= An Bonnán Buí =

Irish poem by Cathal Buí Mac Giolla Ghunna

"An Bonnán Buí" (/ga/; "The yellow bittern") is a classic poem in Irish by the poet Cathal Buí Mac Giolla Ghunna. In addition to the conventional end-rhyme, it uses internal rhyme ("A bhonnán bhuí, is é mo léan do luí / Is do chnámha sínte tar éis do ghrinn") – in the Irish language all the italicised elements have the same /iː/ sound, a technique characteristic of Gaelic poetry of the era.

The poem is in the form of a lament for a bittern that died of thirst, but is also a tongue in cheek defence by the poet of his own drinking habit. It has been translated into English by, among others, James Stephens, Thomas MacDonagh, Thomas Kinsella, and Seamus Heaney. The Irish words have been used as lyrics by the band Clannad on their album Crann Ull (as Bunan Bui) and the English words (MacDonagh version) on Cathie Ryan's album The Music Of What Happens (1998), and also on Al O'Donnell's album "Ramble Away" (2008). Anne Brigg's song "Bonambuie", from her album Sing a Song for You, is based on the MacDonagh version, though using something close to the original Irish title.
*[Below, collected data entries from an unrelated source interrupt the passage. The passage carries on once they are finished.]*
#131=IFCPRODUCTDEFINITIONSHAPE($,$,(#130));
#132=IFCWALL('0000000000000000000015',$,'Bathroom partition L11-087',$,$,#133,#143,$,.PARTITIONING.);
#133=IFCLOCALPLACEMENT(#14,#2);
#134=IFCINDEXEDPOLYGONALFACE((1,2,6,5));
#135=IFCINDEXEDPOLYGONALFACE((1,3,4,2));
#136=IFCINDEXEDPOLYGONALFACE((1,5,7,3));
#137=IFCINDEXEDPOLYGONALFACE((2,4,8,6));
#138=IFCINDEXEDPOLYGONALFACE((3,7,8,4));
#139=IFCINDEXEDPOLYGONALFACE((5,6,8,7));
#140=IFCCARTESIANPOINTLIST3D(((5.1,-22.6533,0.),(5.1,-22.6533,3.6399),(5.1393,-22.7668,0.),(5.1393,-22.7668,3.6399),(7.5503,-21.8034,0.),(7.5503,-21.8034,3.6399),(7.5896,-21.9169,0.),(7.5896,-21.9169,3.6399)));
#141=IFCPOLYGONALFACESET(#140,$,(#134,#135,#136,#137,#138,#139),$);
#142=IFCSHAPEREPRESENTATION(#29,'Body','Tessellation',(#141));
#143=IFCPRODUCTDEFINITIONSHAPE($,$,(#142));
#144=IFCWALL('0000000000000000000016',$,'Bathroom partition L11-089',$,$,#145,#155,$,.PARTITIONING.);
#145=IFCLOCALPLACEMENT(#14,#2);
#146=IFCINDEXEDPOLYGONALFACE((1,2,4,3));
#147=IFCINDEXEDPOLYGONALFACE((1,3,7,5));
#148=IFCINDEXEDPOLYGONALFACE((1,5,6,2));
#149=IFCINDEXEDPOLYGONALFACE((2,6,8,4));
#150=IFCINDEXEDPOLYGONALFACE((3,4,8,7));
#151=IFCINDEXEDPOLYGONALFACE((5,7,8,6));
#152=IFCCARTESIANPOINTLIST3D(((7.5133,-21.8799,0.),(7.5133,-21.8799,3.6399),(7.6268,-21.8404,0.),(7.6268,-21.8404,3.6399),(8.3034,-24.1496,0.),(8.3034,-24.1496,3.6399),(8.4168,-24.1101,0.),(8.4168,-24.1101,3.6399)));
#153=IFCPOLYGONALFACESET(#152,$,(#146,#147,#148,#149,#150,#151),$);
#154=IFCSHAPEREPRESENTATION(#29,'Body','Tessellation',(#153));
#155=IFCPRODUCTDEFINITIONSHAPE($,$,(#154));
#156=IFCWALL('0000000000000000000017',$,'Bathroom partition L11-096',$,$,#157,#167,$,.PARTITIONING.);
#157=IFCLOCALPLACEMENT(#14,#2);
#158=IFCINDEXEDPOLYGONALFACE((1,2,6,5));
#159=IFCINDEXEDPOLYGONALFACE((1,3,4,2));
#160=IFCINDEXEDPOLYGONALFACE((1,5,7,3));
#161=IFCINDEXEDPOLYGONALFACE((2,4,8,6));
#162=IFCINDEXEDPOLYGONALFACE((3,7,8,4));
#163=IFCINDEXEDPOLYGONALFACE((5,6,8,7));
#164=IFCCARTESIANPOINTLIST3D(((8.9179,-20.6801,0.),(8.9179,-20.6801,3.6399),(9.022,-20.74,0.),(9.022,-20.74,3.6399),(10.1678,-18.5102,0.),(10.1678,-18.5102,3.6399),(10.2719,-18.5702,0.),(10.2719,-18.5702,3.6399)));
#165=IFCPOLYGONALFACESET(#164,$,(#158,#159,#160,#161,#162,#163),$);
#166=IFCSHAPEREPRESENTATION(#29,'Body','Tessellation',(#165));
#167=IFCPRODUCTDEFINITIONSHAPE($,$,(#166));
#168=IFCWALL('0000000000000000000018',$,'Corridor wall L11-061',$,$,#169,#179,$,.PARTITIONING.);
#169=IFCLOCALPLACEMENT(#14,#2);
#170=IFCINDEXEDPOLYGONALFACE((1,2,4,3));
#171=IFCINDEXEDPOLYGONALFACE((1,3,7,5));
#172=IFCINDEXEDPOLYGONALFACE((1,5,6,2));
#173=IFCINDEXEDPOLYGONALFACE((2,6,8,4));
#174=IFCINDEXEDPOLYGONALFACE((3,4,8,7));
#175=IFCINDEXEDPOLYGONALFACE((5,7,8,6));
Len Graham has also recorded a version translated by Pádraigín Ní Uallacháin which poet Paul Muldoon regarded as the closest to the original in translation and rhyming scheme and also the most singable.

The Yellow Bittern is also the name of a 1917 play about the death of Mac Giolla Ghunna by Daniel Corkery.
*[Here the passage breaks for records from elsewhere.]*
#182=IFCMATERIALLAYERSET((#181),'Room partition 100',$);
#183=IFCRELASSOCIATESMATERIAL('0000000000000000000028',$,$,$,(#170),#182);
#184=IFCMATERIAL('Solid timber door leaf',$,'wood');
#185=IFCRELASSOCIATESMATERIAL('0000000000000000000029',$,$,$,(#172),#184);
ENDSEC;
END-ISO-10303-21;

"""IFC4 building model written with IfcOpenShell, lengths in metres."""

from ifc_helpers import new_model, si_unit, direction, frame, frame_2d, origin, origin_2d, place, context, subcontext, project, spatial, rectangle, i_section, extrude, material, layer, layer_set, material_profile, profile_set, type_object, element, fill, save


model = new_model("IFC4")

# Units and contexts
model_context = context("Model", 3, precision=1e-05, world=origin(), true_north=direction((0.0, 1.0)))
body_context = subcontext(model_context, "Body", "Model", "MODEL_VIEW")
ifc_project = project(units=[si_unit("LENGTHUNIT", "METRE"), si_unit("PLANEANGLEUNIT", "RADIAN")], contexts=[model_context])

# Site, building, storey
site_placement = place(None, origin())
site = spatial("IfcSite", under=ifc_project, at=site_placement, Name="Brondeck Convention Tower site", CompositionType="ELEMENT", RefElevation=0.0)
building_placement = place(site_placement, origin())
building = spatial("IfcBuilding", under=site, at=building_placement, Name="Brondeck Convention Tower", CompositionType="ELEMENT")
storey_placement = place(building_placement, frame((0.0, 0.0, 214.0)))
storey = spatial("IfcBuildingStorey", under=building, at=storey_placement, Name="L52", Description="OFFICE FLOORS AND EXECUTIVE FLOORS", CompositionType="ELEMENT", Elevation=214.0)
The version by Thomas MacDonagh is especially notable because in addition to keeping close to the original wording, MacDonagh attempts with considerable success to replicate in English the internal rhyme technique ("His bones are thrown on a naked stone / Where he lived alone like a hermit monk."), and the surreal humour of the Irish version.
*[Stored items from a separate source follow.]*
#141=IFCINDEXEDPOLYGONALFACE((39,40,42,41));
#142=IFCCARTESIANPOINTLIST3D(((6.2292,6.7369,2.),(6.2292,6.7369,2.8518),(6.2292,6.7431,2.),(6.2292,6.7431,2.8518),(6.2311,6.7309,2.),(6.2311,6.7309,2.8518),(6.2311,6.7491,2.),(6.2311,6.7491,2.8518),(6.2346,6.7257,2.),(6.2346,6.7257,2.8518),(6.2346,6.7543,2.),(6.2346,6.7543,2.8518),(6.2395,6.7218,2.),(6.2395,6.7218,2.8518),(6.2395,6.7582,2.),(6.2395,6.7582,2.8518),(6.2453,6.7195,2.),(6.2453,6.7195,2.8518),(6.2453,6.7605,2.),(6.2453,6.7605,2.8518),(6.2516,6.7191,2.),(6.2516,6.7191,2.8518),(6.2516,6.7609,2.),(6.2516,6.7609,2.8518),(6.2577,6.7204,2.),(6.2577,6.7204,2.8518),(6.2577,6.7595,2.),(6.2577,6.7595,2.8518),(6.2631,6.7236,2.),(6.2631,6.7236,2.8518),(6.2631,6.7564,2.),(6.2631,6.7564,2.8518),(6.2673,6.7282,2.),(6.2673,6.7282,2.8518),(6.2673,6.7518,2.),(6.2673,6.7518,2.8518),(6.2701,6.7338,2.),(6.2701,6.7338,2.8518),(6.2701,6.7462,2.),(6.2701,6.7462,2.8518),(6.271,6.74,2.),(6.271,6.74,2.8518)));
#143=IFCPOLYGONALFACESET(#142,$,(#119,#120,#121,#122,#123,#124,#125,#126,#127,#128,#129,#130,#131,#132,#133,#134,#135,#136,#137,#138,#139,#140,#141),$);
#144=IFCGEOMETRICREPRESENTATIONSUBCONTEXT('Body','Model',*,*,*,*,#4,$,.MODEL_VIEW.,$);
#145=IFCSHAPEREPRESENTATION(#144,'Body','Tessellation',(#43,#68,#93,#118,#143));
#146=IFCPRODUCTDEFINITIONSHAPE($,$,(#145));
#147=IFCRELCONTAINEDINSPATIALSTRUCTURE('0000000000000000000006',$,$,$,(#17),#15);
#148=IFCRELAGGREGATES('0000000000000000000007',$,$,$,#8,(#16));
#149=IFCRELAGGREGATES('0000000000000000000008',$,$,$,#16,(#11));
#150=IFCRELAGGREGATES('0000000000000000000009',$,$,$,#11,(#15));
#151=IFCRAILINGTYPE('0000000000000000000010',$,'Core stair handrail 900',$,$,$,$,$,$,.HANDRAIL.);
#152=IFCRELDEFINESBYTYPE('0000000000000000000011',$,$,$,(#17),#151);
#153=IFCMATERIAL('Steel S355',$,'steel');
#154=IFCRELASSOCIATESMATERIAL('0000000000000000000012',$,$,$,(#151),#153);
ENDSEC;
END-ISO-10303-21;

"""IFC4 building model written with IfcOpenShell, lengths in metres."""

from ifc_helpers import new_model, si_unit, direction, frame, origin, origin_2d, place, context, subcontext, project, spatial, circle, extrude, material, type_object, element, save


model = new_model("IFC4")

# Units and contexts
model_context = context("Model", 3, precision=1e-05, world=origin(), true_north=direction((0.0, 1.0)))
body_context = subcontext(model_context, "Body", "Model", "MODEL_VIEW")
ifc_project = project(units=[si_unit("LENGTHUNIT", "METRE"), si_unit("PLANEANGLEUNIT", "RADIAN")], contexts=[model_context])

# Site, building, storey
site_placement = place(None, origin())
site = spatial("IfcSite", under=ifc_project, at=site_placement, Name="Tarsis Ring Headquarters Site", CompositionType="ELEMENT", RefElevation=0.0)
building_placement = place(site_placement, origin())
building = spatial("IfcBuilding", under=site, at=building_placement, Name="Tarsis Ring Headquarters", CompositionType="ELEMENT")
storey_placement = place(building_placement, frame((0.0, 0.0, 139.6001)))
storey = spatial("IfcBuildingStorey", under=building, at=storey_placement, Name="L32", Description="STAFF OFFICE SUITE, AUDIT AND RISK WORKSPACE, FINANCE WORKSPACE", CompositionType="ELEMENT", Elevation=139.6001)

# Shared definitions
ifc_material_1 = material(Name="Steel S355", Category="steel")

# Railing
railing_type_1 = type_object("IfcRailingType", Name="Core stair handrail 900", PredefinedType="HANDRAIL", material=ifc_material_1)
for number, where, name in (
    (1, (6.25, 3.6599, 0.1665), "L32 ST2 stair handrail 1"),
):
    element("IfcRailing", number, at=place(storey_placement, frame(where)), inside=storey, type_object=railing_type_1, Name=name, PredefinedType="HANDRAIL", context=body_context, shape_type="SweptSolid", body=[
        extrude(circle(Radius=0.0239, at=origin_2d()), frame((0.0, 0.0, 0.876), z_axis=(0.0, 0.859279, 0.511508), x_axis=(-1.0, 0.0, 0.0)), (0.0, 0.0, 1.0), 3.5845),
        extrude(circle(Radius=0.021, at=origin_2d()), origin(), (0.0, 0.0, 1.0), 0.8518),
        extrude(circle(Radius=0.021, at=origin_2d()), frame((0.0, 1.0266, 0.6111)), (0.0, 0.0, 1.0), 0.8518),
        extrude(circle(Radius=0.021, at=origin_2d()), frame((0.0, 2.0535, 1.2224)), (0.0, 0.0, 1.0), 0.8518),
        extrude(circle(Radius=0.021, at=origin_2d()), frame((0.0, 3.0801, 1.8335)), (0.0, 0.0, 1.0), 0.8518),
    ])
A version is published in A Hidden Ulster -people, songs and traditions of Oriel (Four Courts Press) 2003 and the most recently restored variant of the air found in Oriel, with a translation is by singer Pádraigín Ní Uallacháin

==Translations==
- Version by Thomas MacDonagh
- Version by Thomas Kinsella
- Updated version by Seamus Heaney

==Sources==
Pádraigín Ní Uallacháin, A Hidden Ulster - people, songs and traditions of Oriel. Four Courts Press 2003.
- Robert Welch (ed.), The Oxford Companion to Irish Literature. Oxford: the Clarendon Press, 1996.